Nothing like being open minded!


----------



## Luci07 (29 December 2017)

The entire reason why I started hunting (pre ban) was due to meeting a bunch of sabs when out hacking. They were abusive and highly threatening despite the fact that I also had a child hacking with me. Previously I had been of the opinion that people who hunted were arrogant and rude and to be avoided. I researched hunting for myself and changed my opinion completely. The emphasis was very much on good manners when I went out with the Surrey Union and if we were given permission to ride across headland etc...no one deviated from the given path. I had chickens killed and left by foxes when growing up and my uncle is a farmer so I did have access to a broader view. So bizarrely, I actually think that had hunting been left to its own devices numbers would have greatly diminished. However, it has become a political football and more about perceptions than reality. A good friend of mine is very strongly anti, yet fully supports capital punishment (I don't!) so we beg to differ. Public opinion doesn't seem to really care that as a country, we are seeing a huge increase in dog fighting. In dogs being stolen to be used as bait or puppies illegally bred and smuggled/shipped into puppie farms. Now that is something I feel strongly about.


----------



## popsdosh (29 December 2017)

Luci07 said:



			The entire reason why I started hunting (pre ban) was due to meeting a bunch of sabs when out hacking. They were abusive and highly threatening despite the fact that I also had a child hacking with me. Previously I had been of the opinion that people who hunted were arrogant and rude and to be avoided. I researched hunting for myself and changed my opinion completely. The emphasis was very much on good manners when I went out with the Surrey Union and if we were given permission to ride across headland etc...no one deviated from the given path. I had chickens killed and left by foxes when growing up and my uncle is a farmer so I did have access to a broader view. So bizarrely, I actually think that had hunting been left to its own devices numbers would have greatly diminished. However, it has become a political football and more about perceptions than reality. A good friend of mine is very strongly anti, yet fully supports capital punishment (I don't!) so we beg to differ. Public opinion doesn't seem to really care that as a country, we are seeing a huge increase in dog fighting. In dogs being stolen to be used as bait or puppies illegally bred and smuggled/shipped into puppie farms. Now that is something I feel strongly about.
		
Click to expand...

Its just that those opposed to hunting dont wish to try and stop that happening as they would be dealing with different people.  They used to try to disrupt Hare coursing but have yet to see them trying to stop illegal Hare coursing funny that ,maybe it is a class thing after all.


----------



## ycbm (29 December 2017)

popsdosh said:



			Its just that those opposed to hunting dont wish to try and stop that happening as they would be dealing with different people.  They used to try to disrupt Hare coursing but have yet to see them trying to stop illegal Hare coursing funny that ,maybe it is a class thing after all.
		
Click to expand...

Or maybe it's that hare coursers don't meet predictably every Saturday within a relatively small area?

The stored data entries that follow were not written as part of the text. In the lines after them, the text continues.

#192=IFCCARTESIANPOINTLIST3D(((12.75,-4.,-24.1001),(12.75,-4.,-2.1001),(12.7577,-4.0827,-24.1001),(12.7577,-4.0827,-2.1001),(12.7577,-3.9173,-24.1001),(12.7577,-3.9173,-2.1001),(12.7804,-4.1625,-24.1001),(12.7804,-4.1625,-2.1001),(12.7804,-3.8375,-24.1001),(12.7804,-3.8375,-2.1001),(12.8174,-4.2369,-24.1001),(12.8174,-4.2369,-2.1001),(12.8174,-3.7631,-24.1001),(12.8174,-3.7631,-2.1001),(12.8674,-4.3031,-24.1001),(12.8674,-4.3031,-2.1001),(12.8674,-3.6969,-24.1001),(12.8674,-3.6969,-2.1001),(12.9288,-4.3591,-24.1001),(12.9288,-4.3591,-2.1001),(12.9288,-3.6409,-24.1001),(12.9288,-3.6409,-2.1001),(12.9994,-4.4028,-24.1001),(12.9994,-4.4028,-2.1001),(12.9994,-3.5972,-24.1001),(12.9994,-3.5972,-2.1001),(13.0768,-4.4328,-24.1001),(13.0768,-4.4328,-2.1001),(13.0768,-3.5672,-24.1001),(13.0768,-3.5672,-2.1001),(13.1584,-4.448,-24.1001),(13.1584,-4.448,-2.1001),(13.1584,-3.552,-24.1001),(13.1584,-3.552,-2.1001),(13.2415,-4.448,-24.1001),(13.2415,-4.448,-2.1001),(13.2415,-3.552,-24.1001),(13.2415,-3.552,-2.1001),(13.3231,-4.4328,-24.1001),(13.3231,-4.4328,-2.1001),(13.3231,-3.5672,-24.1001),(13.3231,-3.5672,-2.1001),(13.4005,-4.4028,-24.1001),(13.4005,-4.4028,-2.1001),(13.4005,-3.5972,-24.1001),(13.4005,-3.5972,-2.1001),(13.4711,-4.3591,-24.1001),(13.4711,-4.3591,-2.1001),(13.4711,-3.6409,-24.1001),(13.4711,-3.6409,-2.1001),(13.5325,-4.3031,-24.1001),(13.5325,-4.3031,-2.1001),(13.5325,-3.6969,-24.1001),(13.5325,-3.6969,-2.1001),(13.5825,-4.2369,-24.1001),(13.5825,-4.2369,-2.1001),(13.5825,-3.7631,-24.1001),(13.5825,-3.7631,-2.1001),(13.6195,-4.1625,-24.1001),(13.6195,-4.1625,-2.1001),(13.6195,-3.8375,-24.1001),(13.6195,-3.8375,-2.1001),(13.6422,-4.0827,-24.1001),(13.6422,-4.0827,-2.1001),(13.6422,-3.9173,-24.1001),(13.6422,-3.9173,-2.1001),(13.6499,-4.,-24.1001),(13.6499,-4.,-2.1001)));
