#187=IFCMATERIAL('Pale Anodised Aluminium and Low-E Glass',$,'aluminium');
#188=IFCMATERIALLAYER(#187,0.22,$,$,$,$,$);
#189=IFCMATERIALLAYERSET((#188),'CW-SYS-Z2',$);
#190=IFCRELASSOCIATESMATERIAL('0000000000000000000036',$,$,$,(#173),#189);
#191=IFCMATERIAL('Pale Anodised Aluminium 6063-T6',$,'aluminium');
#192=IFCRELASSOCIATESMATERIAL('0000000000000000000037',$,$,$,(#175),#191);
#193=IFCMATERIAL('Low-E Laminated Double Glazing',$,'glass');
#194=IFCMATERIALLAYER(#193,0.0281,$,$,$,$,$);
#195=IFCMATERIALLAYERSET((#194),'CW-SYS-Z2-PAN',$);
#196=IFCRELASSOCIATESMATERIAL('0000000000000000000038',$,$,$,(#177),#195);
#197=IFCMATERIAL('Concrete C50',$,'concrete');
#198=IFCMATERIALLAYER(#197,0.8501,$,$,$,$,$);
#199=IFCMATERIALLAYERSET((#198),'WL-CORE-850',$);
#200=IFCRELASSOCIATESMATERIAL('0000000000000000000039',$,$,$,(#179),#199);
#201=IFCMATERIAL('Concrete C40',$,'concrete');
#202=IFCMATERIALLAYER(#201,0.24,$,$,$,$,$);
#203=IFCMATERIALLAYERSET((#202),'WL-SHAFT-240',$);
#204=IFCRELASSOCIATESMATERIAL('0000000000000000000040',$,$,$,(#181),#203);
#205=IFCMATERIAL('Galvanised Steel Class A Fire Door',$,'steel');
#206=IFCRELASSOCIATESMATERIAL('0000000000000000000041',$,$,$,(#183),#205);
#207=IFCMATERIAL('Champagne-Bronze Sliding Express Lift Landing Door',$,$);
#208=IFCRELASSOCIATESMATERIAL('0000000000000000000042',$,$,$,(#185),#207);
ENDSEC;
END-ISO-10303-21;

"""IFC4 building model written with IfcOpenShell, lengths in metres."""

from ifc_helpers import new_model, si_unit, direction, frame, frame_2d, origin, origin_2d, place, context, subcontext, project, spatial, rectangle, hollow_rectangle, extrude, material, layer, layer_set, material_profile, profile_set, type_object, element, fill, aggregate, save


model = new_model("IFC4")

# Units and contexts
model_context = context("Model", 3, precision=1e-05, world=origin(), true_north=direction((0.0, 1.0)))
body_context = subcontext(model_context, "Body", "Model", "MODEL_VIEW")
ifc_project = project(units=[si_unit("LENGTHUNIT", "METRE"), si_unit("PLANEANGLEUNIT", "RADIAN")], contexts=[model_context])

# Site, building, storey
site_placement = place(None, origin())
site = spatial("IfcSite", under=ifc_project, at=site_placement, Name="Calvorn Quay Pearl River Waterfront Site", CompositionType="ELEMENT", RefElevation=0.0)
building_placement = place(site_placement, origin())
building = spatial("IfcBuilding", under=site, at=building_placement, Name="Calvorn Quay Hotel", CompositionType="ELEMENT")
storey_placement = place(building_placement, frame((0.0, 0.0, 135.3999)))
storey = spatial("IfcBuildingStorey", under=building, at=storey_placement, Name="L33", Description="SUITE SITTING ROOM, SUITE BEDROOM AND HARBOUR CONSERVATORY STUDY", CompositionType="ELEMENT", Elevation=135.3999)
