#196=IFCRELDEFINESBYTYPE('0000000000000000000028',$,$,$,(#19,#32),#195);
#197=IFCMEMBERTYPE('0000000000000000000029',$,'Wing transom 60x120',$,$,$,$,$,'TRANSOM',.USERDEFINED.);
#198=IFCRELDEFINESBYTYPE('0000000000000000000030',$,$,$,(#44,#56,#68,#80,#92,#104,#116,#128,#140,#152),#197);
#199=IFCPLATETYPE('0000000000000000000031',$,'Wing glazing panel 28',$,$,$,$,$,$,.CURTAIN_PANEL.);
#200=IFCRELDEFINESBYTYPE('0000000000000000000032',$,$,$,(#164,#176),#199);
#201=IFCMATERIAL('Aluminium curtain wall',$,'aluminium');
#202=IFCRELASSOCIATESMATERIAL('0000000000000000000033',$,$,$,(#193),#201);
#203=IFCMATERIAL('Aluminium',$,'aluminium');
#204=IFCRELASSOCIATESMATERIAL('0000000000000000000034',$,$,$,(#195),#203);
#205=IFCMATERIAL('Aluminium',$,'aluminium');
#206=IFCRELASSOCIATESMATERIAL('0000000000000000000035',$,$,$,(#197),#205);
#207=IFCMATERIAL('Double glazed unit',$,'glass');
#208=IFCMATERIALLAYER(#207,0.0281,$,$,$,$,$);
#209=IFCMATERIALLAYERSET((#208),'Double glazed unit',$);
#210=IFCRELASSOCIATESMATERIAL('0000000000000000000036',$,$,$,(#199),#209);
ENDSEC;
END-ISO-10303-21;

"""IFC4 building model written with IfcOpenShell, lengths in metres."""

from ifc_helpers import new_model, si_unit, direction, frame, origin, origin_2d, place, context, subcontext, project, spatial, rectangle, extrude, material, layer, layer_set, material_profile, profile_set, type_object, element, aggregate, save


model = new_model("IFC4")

There are certainly sabs who see it as class warfare, but by no means all.


----------



## popsdosh (29 December 2017)

ycbm said:



			Or maybe it's that hare coursers don't meet predictably every Saturday within a relatively small area?

There are certainly sabs who see it as class warfare, but by no means all.
		
Click to expand...

More likely they value their safety !


----------



## planete (29 December 2017)

Why is it still called hunting when nothing should officially be hunted?  The image will never change unless we put a different spin on it.  It should be possible to defuse the situation all around by finding a new name with no bloodthirsty connotations and publicising the pure sport aspect of following an artificial trail on horseback. It would probably incense the die-hards who are still clinging to the good old traditions but might be a bit more realistic in the current climate.


----------



## Templebar (29 December 2017)

I entirely echo what Shay has written. However my own point to add to this would be that as a nation i find our animal welfare is very much on a downhill, particularly when concerning wildlife. Too add to what others have said about indiscriminate methods of killing of foxes are those that send foxes to the slaughter by thinking that they are doing good or just selfishly cleaning up.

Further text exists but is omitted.